Did it sting? At first, I won’t lie.
But instead of going and ranting about the comment and who sent it to me who shall remain nameless (or email-name-less,) I thought about it and came to the following conclusions:
- I don’t care. I never said I was Vonnegut, or even close.
- I do what I enjoy doing, nothing more, nothing less.
- I have a book on Amazon. It may suck to YOU, but for some reason Germany enjoys the shit out of it.
- I have four books in the “waiting,” or “editing” stages now; with two more which I need to finish.
- I have friends who are real writers who ask my help with ideas and editing. I take that as a hint someone does think I have skill and my friends are the ones who will support me, not take obvious shots.
My whole thesis is this: Once upon a time, criticism from one single person would have made me stop writing completely and hang my keyboard up to pasture. Not sure why I did, but I took it too personally, and it sucked trying to get back into writing after someone said something hurtful. For some reason this doesn’t bother me anymore. Maybe I’ve grown up a small bit or maybe, just maybe, to quote my friend Marshall Mathers: “I just don’t give a fuck.”
I did a similar thing with drawing, with comic books, with music and with anything else creative I’ve done. I enjoy writing and no matter what, you can’t take my enjoyment away.
The more I thought about it, I came to this conclusion: Someone telling you something OBVIOUS isn’t hurtful. It’s like saying I’m tall, or chubby. No shit. Guess what? I’m also a white and like to east fast food. Thanks for telling me something I already know.

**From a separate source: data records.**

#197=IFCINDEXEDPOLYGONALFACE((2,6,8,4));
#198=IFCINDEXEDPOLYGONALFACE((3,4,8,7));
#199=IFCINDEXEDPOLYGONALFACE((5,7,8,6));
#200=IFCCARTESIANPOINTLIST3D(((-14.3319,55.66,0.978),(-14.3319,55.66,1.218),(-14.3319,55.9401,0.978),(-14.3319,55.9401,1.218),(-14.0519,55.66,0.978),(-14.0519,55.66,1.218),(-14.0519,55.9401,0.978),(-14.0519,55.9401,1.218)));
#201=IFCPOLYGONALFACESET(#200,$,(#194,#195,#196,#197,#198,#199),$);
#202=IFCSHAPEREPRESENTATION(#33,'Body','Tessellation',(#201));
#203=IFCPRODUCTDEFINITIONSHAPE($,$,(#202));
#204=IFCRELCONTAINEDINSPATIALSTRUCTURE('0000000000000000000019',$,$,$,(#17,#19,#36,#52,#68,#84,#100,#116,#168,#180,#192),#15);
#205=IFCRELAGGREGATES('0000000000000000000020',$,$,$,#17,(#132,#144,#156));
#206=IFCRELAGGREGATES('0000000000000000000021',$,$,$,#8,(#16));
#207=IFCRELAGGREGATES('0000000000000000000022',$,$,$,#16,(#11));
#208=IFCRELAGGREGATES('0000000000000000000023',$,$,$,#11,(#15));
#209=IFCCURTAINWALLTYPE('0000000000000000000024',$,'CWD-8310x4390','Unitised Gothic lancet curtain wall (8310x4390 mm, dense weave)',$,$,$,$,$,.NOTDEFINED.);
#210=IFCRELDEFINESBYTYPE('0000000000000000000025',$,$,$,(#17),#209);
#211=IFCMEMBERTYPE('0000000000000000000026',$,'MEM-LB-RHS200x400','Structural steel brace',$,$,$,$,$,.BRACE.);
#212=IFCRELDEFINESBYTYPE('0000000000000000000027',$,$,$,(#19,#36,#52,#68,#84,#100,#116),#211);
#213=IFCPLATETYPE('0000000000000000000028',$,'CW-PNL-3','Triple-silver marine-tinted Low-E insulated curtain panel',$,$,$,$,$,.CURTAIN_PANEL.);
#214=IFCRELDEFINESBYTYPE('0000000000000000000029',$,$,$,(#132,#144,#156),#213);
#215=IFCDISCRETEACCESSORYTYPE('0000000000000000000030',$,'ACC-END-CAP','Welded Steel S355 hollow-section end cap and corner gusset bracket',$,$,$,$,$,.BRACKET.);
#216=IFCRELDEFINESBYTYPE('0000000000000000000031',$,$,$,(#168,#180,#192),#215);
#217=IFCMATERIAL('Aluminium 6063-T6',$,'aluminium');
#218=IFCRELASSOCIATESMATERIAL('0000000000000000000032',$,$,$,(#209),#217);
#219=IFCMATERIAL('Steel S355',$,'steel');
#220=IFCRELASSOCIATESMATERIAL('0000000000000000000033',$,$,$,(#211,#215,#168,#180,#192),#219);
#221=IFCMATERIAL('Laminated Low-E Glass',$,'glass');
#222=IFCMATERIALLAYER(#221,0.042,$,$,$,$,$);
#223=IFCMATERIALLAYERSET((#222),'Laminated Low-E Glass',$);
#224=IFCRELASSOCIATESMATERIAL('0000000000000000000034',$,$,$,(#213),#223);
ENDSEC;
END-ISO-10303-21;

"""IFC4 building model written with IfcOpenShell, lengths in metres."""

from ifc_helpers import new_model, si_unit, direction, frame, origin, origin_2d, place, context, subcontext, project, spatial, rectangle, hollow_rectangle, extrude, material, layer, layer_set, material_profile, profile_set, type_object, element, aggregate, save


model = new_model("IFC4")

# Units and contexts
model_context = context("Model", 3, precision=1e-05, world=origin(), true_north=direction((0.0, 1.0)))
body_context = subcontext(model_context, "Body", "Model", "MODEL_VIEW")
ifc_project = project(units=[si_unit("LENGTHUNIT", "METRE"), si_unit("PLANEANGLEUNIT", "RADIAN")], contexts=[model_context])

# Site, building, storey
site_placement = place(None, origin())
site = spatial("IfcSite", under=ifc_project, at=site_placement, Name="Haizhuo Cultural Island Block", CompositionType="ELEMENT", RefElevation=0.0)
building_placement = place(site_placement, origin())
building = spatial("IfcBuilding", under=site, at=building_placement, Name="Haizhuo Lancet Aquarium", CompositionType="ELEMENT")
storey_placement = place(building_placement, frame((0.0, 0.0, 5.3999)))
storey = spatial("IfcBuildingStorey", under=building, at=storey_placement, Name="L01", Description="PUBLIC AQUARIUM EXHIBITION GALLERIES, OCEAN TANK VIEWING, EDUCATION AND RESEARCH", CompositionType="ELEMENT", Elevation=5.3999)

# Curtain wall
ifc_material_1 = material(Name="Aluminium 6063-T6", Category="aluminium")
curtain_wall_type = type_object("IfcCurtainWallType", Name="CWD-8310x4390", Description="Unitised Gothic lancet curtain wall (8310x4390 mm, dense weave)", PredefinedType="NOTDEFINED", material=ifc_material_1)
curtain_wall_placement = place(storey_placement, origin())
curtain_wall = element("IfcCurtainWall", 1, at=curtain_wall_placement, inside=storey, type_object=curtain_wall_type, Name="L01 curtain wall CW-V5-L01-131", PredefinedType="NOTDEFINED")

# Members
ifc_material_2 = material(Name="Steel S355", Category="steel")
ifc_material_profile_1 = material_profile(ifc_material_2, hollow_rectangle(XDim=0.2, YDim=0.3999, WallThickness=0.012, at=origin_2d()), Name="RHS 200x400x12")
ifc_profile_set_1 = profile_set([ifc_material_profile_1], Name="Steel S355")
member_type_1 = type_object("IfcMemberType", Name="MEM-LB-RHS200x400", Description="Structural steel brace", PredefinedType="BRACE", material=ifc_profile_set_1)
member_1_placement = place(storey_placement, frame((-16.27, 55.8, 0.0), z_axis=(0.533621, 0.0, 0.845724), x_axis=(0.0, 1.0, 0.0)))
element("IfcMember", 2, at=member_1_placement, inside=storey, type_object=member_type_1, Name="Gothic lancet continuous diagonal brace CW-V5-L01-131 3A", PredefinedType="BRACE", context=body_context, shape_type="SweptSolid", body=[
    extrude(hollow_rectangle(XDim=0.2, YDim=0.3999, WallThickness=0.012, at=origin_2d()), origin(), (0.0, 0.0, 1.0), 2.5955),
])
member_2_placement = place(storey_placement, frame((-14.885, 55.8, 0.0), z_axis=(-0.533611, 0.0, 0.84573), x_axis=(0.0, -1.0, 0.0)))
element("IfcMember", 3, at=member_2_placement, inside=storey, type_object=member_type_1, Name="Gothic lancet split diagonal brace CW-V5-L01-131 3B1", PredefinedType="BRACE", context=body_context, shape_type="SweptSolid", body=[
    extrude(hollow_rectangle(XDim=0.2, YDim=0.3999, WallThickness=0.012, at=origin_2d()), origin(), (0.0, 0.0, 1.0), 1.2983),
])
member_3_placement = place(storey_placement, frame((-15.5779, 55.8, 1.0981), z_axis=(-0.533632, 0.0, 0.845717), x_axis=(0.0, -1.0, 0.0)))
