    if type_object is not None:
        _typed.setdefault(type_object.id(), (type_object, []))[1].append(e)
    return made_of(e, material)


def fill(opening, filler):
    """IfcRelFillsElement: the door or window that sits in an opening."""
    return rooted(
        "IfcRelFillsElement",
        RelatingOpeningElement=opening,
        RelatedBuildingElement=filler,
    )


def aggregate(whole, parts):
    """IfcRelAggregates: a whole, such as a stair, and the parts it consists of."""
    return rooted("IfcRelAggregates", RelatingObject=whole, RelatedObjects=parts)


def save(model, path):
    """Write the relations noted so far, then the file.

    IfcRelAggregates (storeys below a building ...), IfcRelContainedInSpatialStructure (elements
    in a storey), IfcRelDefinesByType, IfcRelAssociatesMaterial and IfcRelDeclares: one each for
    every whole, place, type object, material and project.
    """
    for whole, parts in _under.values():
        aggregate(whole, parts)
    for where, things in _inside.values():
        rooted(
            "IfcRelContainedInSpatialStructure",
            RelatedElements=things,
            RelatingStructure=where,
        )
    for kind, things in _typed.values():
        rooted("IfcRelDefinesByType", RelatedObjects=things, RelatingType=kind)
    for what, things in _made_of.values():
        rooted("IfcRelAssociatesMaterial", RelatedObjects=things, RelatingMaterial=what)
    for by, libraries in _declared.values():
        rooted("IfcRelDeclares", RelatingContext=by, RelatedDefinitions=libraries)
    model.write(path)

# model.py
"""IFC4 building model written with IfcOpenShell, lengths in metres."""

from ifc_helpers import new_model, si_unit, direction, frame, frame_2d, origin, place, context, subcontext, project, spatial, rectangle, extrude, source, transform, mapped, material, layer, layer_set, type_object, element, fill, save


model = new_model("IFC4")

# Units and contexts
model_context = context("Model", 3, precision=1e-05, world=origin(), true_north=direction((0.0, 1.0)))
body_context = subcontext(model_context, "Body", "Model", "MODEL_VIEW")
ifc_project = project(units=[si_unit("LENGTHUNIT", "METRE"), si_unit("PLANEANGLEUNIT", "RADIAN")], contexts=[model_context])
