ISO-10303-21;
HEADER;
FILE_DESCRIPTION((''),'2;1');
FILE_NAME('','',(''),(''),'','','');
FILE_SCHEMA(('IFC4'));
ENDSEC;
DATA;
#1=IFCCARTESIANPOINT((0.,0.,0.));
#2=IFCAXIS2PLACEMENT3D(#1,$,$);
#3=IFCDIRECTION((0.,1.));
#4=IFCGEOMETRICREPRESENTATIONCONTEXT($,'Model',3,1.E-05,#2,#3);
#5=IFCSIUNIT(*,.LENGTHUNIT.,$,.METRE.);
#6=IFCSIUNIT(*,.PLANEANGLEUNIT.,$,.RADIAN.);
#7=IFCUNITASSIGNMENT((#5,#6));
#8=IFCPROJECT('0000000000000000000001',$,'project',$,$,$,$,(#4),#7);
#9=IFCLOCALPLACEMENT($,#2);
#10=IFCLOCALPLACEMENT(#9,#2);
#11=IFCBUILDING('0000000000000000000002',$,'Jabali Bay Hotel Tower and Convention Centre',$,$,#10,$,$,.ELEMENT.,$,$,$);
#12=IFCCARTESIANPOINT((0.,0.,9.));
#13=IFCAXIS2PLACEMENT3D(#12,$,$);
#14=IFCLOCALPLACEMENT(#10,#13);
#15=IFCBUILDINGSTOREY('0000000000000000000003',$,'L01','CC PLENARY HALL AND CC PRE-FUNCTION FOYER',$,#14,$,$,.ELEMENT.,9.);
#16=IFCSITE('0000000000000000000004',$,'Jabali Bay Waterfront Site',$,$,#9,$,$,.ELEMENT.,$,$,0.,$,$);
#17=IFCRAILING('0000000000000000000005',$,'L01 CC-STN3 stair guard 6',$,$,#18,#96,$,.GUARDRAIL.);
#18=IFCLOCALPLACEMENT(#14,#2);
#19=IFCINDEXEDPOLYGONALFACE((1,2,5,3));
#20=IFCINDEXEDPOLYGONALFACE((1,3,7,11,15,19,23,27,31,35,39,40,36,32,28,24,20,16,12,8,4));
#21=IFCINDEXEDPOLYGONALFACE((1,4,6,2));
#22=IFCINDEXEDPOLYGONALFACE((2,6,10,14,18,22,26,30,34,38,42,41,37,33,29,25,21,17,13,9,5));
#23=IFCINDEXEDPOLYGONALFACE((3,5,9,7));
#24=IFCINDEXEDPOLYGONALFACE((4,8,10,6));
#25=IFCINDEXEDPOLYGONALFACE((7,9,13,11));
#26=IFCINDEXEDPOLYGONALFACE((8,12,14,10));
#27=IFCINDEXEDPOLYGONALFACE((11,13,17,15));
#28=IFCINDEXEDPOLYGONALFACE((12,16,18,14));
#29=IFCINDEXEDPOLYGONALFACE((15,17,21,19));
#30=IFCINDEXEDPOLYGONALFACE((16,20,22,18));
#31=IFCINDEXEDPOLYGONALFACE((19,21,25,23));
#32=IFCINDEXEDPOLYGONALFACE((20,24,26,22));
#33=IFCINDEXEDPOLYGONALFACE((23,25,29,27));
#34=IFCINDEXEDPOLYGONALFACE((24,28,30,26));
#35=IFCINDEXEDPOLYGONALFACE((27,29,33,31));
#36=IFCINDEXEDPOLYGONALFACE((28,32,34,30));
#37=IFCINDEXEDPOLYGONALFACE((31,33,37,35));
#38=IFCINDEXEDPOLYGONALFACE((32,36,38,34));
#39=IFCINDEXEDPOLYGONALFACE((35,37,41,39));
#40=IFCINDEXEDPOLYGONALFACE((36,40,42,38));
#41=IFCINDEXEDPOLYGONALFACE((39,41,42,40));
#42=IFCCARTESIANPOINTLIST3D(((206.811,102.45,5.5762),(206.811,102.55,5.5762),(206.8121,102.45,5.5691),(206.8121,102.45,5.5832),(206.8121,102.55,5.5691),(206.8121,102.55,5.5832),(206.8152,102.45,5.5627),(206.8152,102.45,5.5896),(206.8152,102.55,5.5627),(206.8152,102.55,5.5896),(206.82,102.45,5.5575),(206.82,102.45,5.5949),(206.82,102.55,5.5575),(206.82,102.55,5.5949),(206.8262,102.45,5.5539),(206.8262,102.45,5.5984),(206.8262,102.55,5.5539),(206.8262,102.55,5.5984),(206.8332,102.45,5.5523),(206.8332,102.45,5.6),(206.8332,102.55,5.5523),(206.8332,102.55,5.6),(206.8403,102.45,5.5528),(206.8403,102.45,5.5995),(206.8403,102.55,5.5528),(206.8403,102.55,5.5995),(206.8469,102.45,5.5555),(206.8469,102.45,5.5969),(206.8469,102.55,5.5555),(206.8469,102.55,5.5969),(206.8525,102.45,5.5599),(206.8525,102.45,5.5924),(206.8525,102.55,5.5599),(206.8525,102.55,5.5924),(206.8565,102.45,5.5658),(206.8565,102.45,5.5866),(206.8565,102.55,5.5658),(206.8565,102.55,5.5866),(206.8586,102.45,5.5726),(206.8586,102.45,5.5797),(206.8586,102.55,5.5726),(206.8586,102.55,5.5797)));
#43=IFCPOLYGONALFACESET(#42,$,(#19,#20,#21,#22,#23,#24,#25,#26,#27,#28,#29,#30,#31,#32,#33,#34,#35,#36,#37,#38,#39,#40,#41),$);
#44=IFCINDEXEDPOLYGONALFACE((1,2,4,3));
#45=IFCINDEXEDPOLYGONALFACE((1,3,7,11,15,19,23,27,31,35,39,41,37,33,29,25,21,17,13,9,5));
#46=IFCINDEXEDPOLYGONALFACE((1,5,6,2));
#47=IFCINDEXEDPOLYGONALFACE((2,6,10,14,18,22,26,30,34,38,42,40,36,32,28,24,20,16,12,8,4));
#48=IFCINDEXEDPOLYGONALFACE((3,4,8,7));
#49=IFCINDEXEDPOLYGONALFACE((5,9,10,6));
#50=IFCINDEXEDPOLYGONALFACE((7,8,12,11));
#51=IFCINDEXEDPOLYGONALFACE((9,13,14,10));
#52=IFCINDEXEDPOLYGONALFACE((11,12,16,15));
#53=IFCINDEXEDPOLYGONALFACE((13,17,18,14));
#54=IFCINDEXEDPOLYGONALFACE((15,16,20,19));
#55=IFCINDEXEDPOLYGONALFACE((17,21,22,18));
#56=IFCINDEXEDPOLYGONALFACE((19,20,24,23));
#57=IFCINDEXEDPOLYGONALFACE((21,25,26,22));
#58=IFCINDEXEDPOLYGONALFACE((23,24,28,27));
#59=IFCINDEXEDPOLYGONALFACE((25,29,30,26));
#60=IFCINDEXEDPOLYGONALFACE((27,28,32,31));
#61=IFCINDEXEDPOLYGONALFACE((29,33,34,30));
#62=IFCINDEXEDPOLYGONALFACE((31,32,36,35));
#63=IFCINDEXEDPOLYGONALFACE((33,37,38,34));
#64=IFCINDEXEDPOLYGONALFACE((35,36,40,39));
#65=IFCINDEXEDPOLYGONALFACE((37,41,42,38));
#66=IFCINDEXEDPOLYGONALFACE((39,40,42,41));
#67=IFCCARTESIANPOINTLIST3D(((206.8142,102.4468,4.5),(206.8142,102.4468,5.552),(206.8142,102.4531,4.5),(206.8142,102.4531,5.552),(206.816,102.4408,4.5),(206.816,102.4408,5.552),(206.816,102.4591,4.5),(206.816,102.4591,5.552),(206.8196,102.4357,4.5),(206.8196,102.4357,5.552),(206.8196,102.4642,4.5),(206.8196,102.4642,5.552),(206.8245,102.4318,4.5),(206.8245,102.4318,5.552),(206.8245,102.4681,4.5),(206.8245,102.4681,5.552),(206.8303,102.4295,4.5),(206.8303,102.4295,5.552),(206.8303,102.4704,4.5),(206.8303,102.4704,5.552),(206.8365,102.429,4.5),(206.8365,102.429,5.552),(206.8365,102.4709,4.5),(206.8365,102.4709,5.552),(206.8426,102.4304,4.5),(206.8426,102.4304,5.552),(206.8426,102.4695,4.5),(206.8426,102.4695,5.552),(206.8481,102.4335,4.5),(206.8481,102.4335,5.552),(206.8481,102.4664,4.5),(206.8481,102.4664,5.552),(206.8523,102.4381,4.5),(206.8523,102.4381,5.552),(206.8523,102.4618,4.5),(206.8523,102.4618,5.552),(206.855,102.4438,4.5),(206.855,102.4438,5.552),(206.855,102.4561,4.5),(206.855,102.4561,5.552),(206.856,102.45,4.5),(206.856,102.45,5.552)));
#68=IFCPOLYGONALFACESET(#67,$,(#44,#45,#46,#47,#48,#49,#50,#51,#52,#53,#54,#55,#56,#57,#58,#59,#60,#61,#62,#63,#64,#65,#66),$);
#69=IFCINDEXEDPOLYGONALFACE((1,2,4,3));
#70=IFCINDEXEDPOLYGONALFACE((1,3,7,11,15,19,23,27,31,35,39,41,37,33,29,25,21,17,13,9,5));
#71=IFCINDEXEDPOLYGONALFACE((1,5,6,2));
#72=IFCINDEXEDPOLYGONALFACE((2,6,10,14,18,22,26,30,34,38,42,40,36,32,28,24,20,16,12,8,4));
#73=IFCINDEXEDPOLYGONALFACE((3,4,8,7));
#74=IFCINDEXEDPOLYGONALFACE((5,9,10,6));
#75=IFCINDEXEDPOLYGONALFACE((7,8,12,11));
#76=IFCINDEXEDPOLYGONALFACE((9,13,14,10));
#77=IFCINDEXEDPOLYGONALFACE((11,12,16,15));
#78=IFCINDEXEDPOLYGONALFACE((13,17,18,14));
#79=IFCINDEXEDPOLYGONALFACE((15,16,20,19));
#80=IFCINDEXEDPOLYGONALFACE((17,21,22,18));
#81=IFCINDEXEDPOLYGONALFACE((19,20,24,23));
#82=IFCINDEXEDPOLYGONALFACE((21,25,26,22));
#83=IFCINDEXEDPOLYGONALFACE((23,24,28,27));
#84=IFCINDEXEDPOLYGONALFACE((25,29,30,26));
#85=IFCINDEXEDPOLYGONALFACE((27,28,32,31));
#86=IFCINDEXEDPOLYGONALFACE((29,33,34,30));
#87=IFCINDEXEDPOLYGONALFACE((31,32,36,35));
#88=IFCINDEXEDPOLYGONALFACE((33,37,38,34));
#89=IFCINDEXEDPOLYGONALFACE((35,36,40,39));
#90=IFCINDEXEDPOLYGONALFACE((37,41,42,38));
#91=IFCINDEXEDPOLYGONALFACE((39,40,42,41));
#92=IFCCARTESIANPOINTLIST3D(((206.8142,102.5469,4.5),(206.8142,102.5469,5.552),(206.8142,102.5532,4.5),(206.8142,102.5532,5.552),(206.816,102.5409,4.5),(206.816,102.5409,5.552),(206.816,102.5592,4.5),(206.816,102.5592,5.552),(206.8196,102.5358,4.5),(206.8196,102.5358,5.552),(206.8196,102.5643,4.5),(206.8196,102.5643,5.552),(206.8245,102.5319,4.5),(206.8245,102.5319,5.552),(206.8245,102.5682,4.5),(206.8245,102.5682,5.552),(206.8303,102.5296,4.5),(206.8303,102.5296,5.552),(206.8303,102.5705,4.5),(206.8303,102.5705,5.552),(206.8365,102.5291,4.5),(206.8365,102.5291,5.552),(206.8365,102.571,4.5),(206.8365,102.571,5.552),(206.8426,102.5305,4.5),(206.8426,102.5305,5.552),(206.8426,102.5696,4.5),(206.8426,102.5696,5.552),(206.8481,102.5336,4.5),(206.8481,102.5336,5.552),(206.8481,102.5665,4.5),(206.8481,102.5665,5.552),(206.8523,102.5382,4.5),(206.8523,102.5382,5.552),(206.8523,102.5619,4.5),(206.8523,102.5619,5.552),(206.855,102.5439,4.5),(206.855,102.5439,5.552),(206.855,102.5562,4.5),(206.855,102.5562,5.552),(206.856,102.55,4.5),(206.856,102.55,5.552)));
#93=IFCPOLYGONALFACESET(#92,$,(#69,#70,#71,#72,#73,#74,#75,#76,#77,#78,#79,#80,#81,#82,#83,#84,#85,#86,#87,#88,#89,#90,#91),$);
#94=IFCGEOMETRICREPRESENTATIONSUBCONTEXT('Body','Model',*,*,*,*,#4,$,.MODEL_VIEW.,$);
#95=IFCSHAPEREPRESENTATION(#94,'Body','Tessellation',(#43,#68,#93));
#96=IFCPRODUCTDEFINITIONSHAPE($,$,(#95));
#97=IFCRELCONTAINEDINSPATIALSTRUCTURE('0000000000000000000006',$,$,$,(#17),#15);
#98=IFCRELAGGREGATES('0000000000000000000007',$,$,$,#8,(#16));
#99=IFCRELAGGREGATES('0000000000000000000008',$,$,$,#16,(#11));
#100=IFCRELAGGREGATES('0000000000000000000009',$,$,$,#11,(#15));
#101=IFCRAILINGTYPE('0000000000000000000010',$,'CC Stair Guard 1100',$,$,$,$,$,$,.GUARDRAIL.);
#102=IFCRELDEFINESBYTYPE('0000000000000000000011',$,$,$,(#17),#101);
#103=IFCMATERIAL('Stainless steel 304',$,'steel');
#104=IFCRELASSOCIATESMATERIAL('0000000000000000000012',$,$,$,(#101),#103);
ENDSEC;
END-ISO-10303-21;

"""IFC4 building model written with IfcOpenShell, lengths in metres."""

from ifc_helpers import new_model, si_unit, direction, frame, origin, origin_2d, place, context, subcontext, project, spatial, circle, extrude, material, type_object, element, save


model = new_model("IFC4")

# Units and contexts
model_context = context("Model", 3, precision=1e-05, world=origin(), true_north=direction((0.0, 1.0)))
body_context = subcontext(model_context, "Body", "Model", "MODEL_VIEW")
ifc_project = project(units=[si_unit("LENGTHUNIT", "METRE"), si_unit("PLANEANGLEUNIT", "RADIAN")], contexts=[model_context])

# Site, building, storey
site_placement = place(None, origin())
site = spatial("IfcSite", under=ifc_project, at=site_placement, Name="Jabali Bay Waterfront Site", CompositionType="ELEMENT", RefElevation=0.0)
building_placement = place(site_placement, origin())
building = spatial("IfcBuilding", under=site, at=building_placement, Name="Jabali Bay Hotel Tower and Convention Centre", CompositionType="ELEMENT")
storey_placement = place(building_placement, frame((0.0, 0.0, 9.0)))
storey = spatial("IfcBuildingStorey", under=building, at=storey_placement, Name="L01", Description="CC PLENARY HALL AND CC PRE-FUNCTION FOYER", CompositionType="ELEMENT", Elevation=9.0)

# Railing
ifc_material_1 = material(Name="Stainless steel 304", Category="steel")
railing_type_1 = type_object("IfcRailingType", Name="CC Stair Guard 1100", PredefinedType="GUARDRAIL", material=ifc_material_1)
railing_1_placement = place(storey_placement, frame((206.835, 102.45, 4.5)))
element("IfcRailing", 1, at=railing_1_placement, inside=storey, type_object=railing_type_1, Name="L01 CC-STN3 stair guard 6", PredefinedType="GUARDRAIL", context=body_context, shape_type="SweptSolid", body=[
    extrude(circle(Radius=0.0239, at=origin_2d()), frame((0.0, 0.0, 1.0762), z_axis=(0.0, 1.0, 0.0), x_axis=(-1.0, 0.0, 0.0)), (0.0, 0.0, 1.0), 0.1001),
    extrude(circle(Radius=0.021, at=origin_2d()), origin(), (0.0, 0.0, 1.0), 1.052),
    extrude(circle(Radius=0.021, at=origin_2d()), frame((0.0, 0.1001, 0.0)), (0.0, 0.0, 1.0), 1.052),
])

save(model, "model.ifc")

Here’s my thought, and it’s a doozy: If you don’t like what or how I write, don’t read it. It’s the same opinion I have for people who don’t like porn, or for people who are complaining about “50 Shades of Grey.”
I don’t need your hate, I don’t need your sympathy and I definitely don’t need your criticism. Send all you want, I’ll add it to my “Spam” archive to let my READERS enjoy the comments.
And no, this isn’t a personal attack by any means. I’m proud of myself for not getting depressed after showing someone I thought was a friend some prose – nothing more. And for the first time I can honestly say “I’m not down after receiving negative criticism.”
On that note, I’m going to bed happy.